Как только начались налеты, бомбежки, обстрелы, Абрамова заставили вывозить из Севастополя трупы. Абрамов ехал к дымящимся развалинам, когда немцы еще не отбомбились. Немцы сбросили на Севастополь больше бомб, чем на всю Францию. Но трупов на улице не было!
А знаете, что это значит, — не видеть трупов? Абрамов берег людей от вида смерти. Но нормальный человек, наверное, не может постоянно видеть смерть. Ее нельзя видеть, не запоминая. Два раза Абрамов среди мертвых находил живых. Оба красноармейца умерли у него на глазах, и он все равно их похоронил, только десятью минутами позже.
Но после этого он боялся хоронить. Все искал живых. Наверное, в то время у него было небольшое, не слишком бьющее в глаза, помутнение в сознании, Он жил так, как будто на его совести была чья-то смерть. В конце концов он стал бояться трупов.
Трусом он не был. Он сам просил отправить его на фронт.
Не просил, умолял об этом председателя горисполкома майора Ефремова. Но майор знал, что нигде, ни в каком бою, прояви Абрамов даже самое большое мужество, он не будет так нужен, как на этой своей работе.

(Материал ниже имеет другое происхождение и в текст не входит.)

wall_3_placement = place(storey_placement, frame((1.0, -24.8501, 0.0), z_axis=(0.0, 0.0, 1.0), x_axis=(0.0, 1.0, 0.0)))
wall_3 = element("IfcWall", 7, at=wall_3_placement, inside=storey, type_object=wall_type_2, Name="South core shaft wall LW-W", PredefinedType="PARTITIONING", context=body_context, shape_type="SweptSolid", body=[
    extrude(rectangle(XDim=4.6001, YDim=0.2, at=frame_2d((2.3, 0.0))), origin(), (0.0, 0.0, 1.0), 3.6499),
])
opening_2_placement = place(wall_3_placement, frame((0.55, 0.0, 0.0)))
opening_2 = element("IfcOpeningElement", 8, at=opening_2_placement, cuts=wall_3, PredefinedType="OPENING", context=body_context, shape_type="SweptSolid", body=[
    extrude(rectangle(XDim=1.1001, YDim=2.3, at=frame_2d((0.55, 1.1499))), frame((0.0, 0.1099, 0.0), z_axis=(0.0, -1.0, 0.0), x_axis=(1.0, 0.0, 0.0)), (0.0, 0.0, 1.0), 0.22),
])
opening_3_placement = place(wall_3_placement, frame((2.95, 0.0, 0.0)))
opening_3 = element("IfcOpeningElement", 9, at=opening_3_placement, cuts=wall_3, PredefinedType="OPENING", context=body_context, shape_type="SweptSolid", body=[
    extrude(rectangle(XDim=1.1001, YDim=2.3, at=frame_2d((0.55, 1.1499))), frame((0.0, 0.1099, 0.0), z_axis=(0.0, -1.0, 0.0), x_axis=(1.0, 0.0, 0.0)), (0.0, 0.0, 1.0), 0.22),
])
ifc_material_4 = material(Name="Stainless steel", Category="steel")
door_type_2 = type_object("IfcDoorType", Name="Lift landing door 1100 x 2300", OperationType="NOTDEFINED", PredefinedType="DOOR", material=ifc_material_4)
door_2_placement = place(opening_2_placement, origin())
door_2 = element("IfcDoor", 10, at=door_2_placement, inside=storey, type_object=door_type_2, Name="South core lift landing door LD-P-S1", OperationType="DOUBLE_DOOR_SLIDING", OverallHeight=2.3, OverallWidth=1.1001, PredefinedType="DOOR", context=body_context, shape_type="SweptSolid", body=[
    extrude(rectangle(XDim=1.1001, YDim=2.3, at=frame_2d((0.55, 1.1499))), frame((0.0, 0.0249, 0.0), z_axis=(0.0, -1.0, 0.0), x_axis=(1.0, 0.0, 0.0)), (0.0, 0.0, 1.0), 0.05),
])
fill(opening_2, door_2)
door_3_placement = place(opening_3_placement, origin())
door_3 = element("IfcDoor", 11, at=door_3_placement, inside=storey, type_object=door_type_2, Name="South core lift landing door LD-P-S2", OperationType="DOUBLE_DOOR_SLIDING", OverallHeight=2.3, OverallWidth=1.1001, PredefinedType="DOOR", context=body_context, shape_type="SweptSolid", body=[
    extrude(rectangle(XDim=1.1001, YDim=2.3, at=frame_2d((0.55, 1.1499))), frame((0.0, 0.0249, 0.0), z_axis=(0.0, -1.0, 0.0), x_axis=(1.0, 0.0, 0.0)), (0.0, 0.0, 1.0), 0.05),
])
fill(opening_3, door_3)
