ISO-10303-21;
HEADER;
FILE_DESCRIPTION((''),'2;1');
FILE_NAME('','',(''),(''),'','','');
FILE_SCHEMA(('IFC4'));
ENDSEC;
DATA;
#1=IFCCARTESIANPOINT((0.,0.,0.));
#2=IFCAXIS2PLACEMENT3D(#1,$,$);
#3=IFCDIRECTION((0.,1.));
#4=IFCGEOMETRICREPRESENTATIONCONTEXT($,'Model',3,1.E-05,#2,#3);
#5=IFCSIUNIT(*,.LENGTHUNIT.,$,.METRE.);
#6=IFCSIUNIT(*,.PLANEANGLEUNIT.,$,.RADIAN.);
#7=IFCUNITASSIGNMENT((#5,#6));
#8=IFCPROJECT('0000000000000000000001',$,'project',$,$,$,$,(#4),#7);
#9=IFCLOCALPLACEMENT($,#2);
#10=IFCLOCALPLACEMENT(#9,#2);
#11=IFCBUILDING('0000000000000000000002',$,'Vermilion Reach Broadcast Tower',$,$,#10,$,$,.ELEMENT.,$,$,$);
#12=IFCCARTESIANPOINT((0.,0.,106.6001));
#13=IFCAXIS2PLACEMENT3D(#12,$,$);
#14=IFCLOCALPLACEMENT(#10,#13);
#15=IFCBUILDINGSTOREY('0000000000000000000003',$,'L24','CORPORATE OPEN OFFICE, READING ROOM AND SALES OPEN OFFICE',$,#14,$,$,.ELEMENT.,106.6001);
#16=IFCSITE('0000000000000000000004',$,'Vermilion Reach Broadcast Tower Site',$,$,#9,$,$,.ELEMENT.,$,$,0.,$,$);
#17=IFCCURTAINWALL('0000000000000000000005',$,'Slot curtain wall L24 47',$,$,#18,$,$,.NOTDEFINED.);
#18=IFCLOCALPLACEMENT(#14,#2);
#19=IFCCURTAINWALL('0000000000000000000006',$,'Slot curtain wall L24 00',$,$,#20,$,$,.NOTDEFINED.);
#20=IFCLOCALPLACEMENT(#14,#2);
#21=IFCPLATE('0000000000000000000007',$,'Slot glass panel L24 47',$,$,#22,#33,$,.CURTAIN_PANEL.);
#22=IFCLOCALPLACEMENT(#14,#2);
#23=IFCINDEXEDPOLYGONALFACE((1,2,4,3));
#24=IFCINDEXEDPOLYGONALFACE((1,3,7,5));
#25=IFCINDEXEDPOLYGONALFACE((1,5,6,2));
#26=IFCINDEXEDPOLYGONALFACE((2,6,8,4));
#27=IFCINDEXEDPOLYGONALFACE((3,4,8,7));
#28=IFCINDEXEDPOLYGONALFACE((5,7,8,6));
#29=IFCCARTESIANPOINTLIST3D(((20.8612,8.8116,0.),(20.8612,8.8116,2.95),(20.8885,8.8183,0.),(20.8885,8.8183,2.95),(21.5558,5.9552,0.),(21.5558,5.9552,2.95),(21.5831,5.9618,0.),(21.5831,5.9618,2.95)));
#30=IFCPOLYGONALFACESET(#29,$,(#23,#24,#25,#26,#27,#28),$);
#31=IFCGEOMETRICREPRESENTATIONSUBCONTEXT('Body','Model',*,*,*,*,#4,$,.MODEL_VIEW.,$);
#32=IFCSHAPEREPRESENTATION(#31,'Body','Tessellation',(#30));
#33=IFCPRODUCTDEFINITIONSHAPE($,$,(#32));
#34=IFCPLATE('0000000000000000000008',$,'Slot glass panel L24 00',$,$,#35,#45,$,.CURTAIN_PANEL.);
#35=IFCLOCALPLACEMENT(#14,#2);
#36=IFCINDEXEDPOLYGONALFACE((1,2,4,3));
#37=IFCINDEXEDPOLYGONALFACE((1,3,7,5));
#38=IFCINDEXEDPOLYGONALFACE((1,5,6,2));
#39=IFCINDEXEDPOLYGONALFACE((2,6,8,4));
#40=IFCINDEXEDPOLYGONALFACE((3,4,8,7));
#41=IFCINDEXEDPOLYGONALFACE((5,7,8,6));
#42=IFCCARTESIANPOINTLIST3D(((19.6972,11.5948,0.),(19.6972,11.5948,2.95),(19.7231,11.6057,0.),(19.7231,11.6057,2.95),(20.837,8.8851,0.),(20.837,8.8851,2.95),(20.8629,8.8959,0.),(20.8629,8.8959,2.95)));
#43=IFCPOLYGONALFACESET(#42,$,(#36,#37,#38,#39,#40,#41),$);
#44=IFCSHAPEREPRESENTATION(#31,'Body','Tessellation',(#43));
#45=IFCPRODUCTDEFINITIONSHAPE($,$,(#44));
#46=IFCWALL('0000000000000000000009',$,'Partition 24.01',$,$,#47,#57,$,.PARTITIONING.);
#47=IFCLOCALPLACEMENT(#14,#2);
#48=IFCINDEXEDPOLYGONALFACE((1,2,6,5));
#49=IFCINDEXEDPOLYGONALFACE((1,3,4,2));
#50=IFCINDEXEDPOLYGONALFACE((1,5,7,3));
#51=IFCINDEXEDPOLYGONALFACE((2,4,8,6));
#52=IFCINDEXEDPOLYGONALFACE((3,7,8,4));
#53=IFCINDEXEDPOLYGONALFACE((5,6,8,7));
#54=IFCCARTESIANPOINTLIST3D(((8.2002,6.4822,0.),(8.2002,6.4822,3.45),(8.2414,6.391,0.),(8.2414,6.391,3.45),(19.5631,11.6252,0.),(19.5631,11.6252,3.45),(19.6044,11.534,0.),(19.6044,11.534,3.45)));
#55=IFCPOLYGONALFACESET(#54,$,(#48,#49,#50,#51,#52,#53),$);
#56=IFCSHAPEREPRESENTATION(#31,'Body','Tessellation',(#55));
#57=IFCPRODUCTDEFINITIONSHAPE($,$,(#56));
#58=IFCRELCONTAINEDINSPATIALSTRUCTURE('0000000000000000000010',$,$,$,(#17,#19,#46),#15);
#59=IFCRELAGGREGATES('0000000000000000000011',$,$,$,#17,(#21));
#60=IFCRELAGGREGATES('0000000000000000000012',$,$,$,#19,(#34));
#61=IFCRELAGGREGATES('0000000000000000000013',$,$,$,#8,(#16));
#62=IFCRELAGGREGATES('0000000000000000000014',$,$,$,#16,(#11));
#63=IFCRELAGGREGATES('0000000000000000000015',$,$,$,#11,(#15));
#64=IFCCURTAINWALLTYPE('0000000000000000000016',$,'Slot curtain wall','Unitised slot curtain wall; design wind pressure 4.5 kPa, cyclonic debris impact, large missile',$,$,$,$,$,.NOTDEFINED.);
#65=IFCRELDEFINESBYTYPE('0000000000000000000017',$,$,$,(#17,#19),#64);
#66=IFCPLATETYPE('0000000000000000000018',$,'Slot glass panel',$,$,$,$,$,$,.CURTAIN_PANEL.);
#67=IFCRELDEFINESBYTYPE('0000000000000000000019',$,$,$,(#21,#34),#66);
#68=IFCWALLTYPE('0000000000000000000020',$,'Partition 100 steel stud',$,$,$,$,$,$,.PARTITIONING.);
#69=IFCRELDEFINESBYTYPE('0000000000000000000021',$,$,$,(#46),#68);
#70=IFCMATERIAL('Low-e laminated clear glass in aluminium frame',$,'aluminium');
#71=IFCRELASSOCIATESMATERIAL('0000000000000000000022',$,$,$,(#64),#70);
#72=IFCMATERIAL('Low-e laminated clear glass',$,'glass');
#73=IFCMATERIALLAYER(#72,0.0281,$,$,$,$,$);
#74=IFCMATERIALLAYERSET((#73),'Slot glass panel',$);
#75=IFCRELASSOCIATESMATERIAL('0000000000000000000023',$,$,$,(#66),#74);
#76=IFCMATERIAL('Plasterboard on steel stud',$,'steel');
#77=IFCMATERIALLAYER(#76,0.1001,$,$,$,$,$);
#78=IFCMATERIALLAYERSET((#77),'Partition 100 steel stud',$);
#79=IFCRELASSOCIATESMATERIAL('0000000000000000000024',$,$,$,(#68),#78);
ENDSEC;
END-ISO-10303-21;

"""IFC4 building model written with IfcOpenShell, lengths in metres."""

from ifc_helpers import new_model, si_unit, direction, frame, frame_2d, origin, origin_2d, place, context, subcontext, project, spatial, rectangle, extrude, material, layer, layer_set, type_object, element, aggregate, save


model = new_model("IFC4")

# Units and contexts
model_context = context("Model", 3, precision=1e-05, world=origin(), true_north=direction((0.0, 1.0)))
body_context = subcontext(model_context, "Body", "Model", "MODEL_VIEW")
ifc_project = project(units=[si_unit("LENGTHUNIT", "METRE"), si_unit("PLANEANGLEUNIT", "RADIAN")], contexts=[model_context])

# Site, building, storey
site_placement = place(None, origin())
site = spatial("IfcSite", under=ifc_project, at=site_placement, Name="Vermilion Reach Broadcast Tower Site", CompositionType="ELEMENT", RefElevation=0.0)
building_placement = place(site_placement, origin())
building = spatial("IfcBuilding", under=site, at=building_placement, Name="Vermilion Reach Broadcast Tower", CompositionType="ELEMENT")
storey_placement = place(building_placement, frame((0.0, 0.0, 106.6001)))
storey = spatial("IfcBuildingStorey", under=building, at=storey_placement, Name="L24", Description="CORPORATE OPEN OFFICE, READING ROOM AND SALES OPEN OFFICE", CompositionType="ELEMENT", Elevation=106.6001)

# Curtain walls
ifc_material_1 = material(Name="Low-e laminated clear glass in aluminium frame", Category="aluminium")
curtain_wall_type = type_object("IfcCurtainWallType", Name="Slot curtain wall", Description="Unitised slot curtain wall; design wind pressure 4.5 kPa, cyclonic debris impact, large missile", PredefinedType="NOTDEFINED", material=ifc_material_1)
placement = place(storey_placement, origin())
curtain_wall_1 = element("IfcCurtainWall", 1, at=placement, inside=storey, type_object=curtain_wall_type, Name="Slot curtain wall L24 47", PredefinedType="NOTDEFINED")
curtain_wall_2 = element("IfcCurtainWall", 2, at=placement, inside=storey, type_object=curtain_wall_type, Name="Slot curtain wall L24 00", PredefinedType="NOTDEFINED")

# Plates
ifc_material_2 = material(Name="Low-e laminated clear glass", Category="glass")
ifc_layer_1 = layer(ifc_material_2, 0.0281)
ifc_layer_set_1 = layer_set([ifc_layer_1], Name="Slot glass panel")
plate_type = type_object("IfcPlateType", Name="Slot glass panel", PredefinedType="CURTAIN_PANEL", material=ifc_layer_set_1)
plate_1_placement = place(storey_placement, frame((21.2222, 7.3867, 0.0), z_axis=(0.0, 0.0, 1.0), x_axis=(-0.236275, 0.971686, 0.0)))
plate_1 = element("IfcPlate", 3, at=plate_1_placement, type_object=plate_type, Name="Slot glass panel L24 47", PredefinedType="CURTAIN_PANEL", context=body_context, shape_type="SweptSolid", body=[
    extrude(rectangle(XDim=2.9397, YDim=0.0281, at=origin_2d()), origin(), (0.0, 0.0, 1.0), 2.95),
])
aggregate(curtain_wall_1, [plate_1])
plate_2_placement = place(storey_placement, frame((20.28, 10.2454, 0.0), z_axis=(0.0, 0.0, 1.0), x_axis=(-0.387728, 0.921774, 0.0)))
plate_2 = element("IfcPlate", 4, at=plate_2_placement, type_object=plate_type, Name="Slot glass panel L24 00", PredefinedType="CURTAIN_PANEL", context=body_context, shape_type="SweptSolid", body=[
    extrude(rectangle(XDim=2.9397, YDim=0.0281, at=origin_2d()), origin(), (0.0, 0.0, 1.0), 2.95),
])
aggregate(curtain_wall_2, [plate_2])

# Wall
ifc_material_3 = material(Name="Plasterboard on steel stud", Category="steel")
ifc_layer_2 = layer(ifc_material_3, 0.1001)
ifc_layer_set_2 = layer_set([ifc_layer_2], Name="Partition 100 steel stud")
wall_type = type_object("IfcWallType", Name="Partition 100 steel stud", PredefinedType="PARTITIONING", material=ifc_layer_set_2)
wall_placement = place(storey_placement, frame((19.5837, 11.5796, 0.0), z_axis=(0.0, 0.0, 1.0), x_axis=(-0.911028, -0.412344, 0.0)))
element("IfcWall", 5, at=wall_placement, inside=storey, type_object=wall_type, Name="Partition 24.01", PredefinedType="PARTITIONING", context=body_context, shape_type="SweptSolid", body=[
    extrude(rectangle(XDim=12.4727, YDim=0.1001, at=frame_2d((6.2363, 0.0))), origin(), (0.0, 0.0, 1.0), 3.45),
])

save(model, "model.ifc")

Трупы должен кто-то вывозить, а люди все были на счету. Ефремов сам перед рейсом наливал Абрамову кружку водки, сам ставил ему поллитра под сиденье в кабину. Шофер гнал машину, с полчаса ничего не слыша и ни о чем не думая. Точнее, заставляя себя не думать. А через полчаса машина бывала у кладбища…
…Абрамов не был ни убит, ни ранен. И все-таки Абрамов погиб. Руки, ноги у человека целы. Но черт его знает, каким прямым попаданием, что у него разбило душу, что ли? Словом, это тоже жертва войны, разве что не внесенная в списки…
Спился Абрамов. Безнадежно пьет до сих пор. Ефремов три раза добивался для Абрамова бесплатного лечения в больницах. Его лечили… Не вылечили…
Я с ним не один раз пытался говорить о Бутько. Ну, не легче же Бутько? Слушает. Смотрит. Не спорит. А в глазах такая грусть… Не по себе мне становится от этого его взгляда! Чувствуешь на себе этот взгляд и как будто читаешь его мысли:
«Да, ты выжил.
Сегодня ты живешь, а завтра можешь и не жить, хотя очень хочешь жить. Здесь многие хотели жить. Я-то знаю, как их было много. Впрочем, я очень хочу, чтобы ты жил. Надо же, чтобы когда-нибудь стало так, чтобы человек, жил столько, сколько ему проживется».
…Словом, я сказал Туровскому, что не вижу смысла нарушать очередность. Подошла очередь Абрамова, — надо дать отдельную квартиру Абрамову.
Войну Туровский пережил. Но иногда мне кажется, что моя Женька больше помнит войну, чем Туровский.